# The Thin Blue Line: TiBook Screen



## Swrdfshtrombone (Dec 18, 2002)

Hello all:

I've got a TiBook 500, and all of a sudden, I have a thin blue vertical line on the right side of my screen. It goes away if I put pressure on the edge of my screen, but I'm guess it's something hardware related. Any quick fixes?

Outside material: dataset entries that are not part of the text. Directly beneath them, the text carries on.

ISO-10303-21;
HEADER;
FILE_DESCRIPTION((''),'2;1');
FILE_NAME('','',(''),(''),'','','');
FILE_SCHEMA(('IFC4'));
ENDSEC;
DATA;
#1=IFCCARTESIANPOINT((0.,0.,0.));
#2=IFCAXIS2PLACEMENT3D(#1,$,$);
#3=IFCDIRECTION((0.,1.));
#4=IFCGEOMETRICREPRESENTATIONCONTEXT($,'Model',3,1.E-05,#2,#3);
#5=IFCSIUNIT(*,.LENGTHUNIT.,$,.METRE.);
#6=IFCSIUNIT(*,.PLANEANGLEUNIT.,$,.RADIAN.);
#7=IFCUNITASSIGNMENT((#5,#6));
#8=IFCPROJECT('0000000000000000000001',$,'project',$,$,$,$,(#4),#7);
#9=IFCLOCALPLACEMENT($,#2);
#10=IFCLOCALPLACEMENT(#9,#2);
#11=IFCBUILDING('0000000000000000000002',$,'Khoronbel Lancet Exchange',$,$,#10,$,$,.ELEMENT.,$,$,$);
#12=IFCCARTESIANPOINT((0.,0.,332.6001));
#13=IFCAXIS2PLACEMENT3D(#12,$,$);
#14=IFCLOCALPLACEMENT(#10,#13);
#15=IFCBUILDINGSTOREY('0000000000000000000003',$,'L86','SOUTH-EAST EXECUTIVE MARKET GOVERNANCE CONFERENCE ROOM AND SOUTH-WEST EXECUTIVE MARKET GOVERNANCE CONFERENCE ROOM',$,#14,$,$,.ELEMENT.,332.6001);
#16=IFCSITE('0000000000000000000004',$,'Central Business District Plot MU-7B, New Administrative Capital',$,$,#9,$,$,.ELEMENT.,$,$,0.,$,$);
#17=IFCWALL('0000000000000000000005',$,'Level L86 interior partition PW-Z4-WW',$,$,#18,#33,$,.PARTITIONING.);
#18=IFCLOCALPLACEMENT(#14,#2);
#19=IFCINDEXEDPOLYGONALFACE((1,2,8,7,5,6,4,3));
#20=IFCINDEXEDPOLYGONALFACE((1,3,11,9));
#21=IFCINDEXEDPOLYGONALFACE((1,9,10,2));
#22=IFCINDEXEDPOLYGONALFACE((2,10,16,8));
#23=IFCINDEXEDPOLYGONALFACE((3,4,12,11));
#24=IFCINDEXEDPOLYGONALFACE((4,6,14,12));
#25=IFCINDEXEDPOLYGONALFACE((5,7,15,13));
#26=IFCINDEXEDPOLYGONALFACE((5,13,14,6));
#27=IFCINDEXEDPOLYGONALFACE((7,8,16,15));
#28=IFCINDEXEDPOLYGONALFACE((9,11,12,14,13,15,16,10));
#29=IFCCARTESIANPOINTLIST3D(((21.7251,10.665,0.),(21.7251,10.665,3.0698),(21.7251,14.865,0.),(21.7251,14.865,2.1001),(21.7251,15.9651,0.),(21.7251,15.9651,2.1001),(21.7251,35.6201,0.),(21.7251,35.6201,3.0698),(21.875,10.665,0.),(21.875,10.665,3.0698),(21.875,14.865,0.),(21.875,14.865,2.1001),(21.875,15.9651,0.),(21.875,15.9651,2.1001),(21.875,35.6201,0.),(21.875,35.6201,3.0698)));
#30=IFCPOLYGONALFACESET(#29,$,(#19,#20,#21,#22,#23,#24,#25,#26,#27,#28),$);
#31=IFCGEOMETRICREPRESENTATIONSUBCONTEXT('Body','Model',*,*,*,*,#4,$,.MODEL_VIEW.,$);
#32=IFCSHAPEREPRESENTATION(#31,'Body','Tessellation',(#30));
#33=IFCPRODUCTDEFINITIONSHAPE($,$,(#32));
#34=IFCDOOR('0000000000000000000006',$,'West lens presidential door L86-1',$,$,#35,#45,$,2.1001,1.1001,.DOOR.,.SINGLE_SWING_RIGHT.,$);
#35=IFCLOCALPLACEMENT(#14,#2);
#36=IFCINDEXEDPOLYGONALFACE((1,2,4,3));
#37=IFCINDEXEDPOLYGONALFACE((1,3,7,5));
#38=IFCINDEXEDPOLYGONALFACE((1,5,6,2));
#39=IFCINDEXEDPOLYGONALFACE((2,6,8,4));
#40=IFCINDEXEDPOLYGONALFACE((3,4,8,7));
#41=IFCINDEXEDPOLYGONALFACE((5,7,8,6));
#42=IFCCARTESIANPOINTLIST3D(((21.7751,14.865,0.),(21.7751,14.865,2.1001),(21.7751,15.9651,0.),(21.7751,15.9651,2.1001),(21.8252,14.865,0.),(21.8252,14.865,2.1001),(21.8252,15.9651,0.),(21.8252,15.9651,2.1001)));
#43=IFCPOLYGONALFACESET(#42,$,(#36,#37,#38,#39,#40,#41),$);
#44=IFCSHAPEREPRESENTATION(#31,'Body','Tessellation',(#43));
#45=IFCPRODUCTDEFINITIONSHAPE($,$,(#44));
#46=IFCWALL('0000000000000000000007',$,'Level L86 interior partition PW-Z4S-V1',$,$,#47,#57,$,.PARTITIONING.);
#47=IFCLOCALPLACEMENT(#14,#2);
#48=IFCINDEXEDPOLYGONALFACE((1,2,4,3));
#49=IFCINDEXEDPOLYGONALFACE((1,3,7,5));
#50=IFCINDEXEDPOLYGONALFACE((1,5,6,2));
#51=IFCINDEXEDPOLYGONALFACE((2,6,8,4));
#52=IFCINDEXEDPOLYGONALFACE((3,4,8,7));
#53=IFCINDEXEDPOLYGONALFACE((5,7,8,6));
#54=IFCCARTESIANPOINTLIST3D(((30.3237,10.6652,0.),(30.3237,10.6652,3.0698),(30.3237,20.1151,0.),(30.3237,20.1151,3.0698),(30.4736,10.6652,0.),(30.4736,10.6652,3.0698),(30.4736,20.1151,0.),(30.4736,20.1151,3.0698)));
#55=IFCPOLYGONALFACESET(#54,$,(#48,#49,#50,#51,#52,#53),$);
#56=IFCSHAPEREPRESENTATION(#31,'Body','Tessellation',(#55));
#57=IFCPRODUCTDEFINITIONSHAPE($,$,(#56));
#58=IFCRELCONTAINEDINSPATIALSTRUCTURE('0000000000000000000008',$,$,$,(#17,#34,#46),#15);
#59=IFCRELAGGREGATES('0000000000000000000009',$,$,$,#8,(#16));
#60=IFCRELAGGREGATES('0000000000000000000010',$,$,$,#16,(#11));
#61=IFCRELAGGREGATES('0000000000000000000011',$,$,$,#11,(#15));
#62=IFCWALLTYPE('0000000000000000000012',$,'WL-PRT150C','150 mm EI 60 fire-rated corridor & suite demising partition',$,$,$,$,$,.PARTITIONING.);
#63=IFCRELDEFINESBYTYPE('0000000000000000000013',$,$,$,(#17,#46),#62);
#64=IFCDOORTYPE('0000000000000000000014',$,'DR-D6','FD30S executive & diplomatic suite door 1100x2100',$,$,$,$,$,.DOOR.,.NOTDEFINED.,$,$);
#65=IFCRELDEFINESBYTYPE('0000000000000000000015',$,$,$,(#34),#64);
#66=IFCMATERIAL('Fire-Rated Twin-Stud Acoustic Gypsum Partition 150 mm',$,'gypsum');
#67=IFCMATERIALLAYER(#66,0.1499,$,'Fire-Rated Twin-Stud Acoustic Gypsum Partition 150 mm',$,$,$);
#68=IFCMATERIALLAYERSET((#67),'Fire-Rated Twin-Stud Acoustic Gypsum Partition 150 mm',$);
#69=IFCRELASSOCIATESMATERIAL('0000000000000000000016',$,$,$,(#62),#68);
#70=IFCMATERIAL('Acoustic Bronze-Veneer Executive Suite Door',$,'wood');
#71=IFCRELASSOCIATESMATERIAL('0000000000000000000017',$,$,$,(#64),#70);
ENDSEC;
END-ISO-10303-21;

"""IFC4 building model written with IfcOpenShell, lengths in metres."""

from ifc_helpers import new_model, si_unit, direction, frame, frame_2d, origin, place, context, subcontext, project, spatial, rectangle, extrude, material, layer, layer_set, type_object, element, fill, save


model = new_model("IFC4")

# Units and contexts
model_context = context("Model", 3, precision=1e-05, world=origin(), true_north=direction((0.0, 1.0)))
body_context = subcontext(model_context, "Body", "Model", "MODEL_VIEW")
ifc_project = project(units=[si_unit("LENGTHUNIT", "METRE"), si_unit("PLANEANGLEUNIT", "RADIAN")], contexts=[model_context])

# Site, building, storey
site_placement = place(None, origin())
site = spatial("IfcSite", under=ifc_project, at=site_placement, Name="Central Business District Plot MU-7B, New Administrative Capital", CompositionType="ELEMENT", RefElevation=0.0)
building_placement = place(site_placement, origin())
building = spatial("IfcBuilding", under=site, at=building_placement, Name="Khoronbel Lancet Exchange", CompositionType="ELEMENT")
storey_placement = place(building_placement, frame((0.0, 0.0, 332.6001)))
storey = spatial("IfcBuildingStorey", under=building, at=storey_placement, Name="L86", Description="SOUTH-EAST EXECUTIVE MARKET GOVERNANCE CONFERENCE ROOM AND SOUTH-WEST EXECUTIVE MARKET GOVERNANCE CONFERENCE ROOM", CompositionType="ELEMENT", Elevation=332.6001)

# Wall, opening, door
ifc_material_1 = material(Name="Fire-Rated Twin-Stud Acoustic Gypsum Partition 150 mm", Category="gypsum")
ifc_layer_1 = layer(ifc_material_1, 0.1499, Name="Fire-Rated Twin-Stud Acoustic Gypsum Partition 150 mm")
ifc_layer_set_1 = layer_set([ifc_layer_1], Name="Fire-Rated Twin-Stud Acoustic Gypsum Partition 150 mm")
wall_type = type_object("IfcWallType", Name="WL-PRT150C", Description="150 mm EI 60 fire-rated corridor & suite demising partition", PredefinedType="PARTITIONING", material=ifc_layer_set_1)
wall_1_placement = place(storey_placement, frame((21.8, 10.665, 0.0), z_axis=(0.0, 0.0, 1.0), x_axis=(0.0, 1.0, 0.0)))
wall_1 = element("IfcWall", 1, at=wall_1_placement, inside=storey, type_object=wall_type, Name="Level L86 interior partition PW-Z4-WW", PredefinedType="PARTITIONING", context=body_context, shape_type="SweptSolid", body=[
    extrude(rectangle(XDim=24.9551, YDim=0.1499, at=frame_2d((12.4775, 0.0))), origin(), (0.0, 0.0, 1.0), 3.0698),
])
opening_placement = place(wall_1_placement, frame((4.2, 0.0, 0.0)))
opening = element("IfcOpeningElement", 2, at=opening_placement, cuts=wall_1, PredefinedType="OPENING", context=body_context, shape_type="SweptSolid", body=[
    extrude(rectangle(XDim=1.1001, YDim=2.1001, at=frame_2d((0.55, 1.05))), frame((0.0, 0.085, 0.0), z_axis=(0.0, -1.0, 0.0), x_axis=(1.0, 0.0, 0.0)), (0.0, 0.0, 1.0), 0.1699),
])
ifc_material_2 = material(Name="Acoustic Bronze-Veneer Executive Suite Door", Category="wood")
door_type = type_object("IfcDoorType", Name="DR-D6", Description="FD30S executive & diplomatic suite door 1100x2100", OperationType="NOTDEFINED", PredefinedType="DOOR", material=ifc_material_2)
door_placement = place(opening_placement, origin())
door = element("IfcDoor", 3, at=door_placement, inside=storey, type_object=door_type, Name="West lens presidential door L86-1", OperationType="SINGLE_SWING_RIGHT", OverallHeight=2.1001, OverallWidth=1.1001, PredefinedType="DOOR", context=body_context, shape_type="SweptSolid", body=[
    extrude(rectangle(XDim=1.1001, YDim=2.1001, at=frame_2d((0.55, 1.05))), frame((0.0, 0.0249, 0.0), z_axis=(0.0, -1.0, 0.0), x_axis=(1.0, 0.0, 0.0)), (0.0, 0.0, 1.0), 0.05),
])
fill(opening, door)

# Wall
wall_2_placement = place(storey_placement, frame((30.3987, 10.665, 0.0), z_axis=(0.0, 0.0, 1.0), x_axis=(0.0, 1.0, 0.0)))
element("IfcWall", 4, at=wall_2_placement, inside=storey, type_object=wall_type, Name="Level L86 interior partition PW-Z4S-V1", PredefinedType="PARTITIONING", context=body_context, shape_type="SweptSolid", body=[
    extrude(rectangle(XDim=9.45, YDim=0.1499, at=frame_2d((4.7251, 0.0))), origin(), (0.0, 0.0, 1.0), 3.0698),
])

save(model, "model.ifc")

Or am I screwed?


----------



## Dusky (Dec 18, 2002)

When my iMac (15" Flat Screen) was new, it did it too.  A line across the screen.  I can't remember if it was horizontal, or vertical, but it sure freaked me out!  It went away by itself, though.  Or did I have to put the computer to sleep, or restart?  Hmm...


----------



## f_h_petrone (Dec 18, 2002)

usually when a pixel burns out its a dot, not a line, that is seen on the screen.
I would say that it is a software problem....
not so sure though but i can't really think that a perfect straight line of pixels were burnt out AT THE SAME TIME.


----------



## Swrdfshtrombone (Dec 19, 2002)

I don't think it's a software problem, because when I bend the screen slightly, the line goes away, and when I let go, it comes back.


----------



## DeltaMac (Dec 20, 2002)

Probably just a normal cracked video ribbon cable or cold solder joint, happens in laptops. You probably can't repair it yourself (unless you're real good at hi magnification-type electronic repairs) It'll probably get worse as time goes on.  Either the ribbon cable or the display (or both) will probably need replacing at some point. Do it before your warranty expires.


----------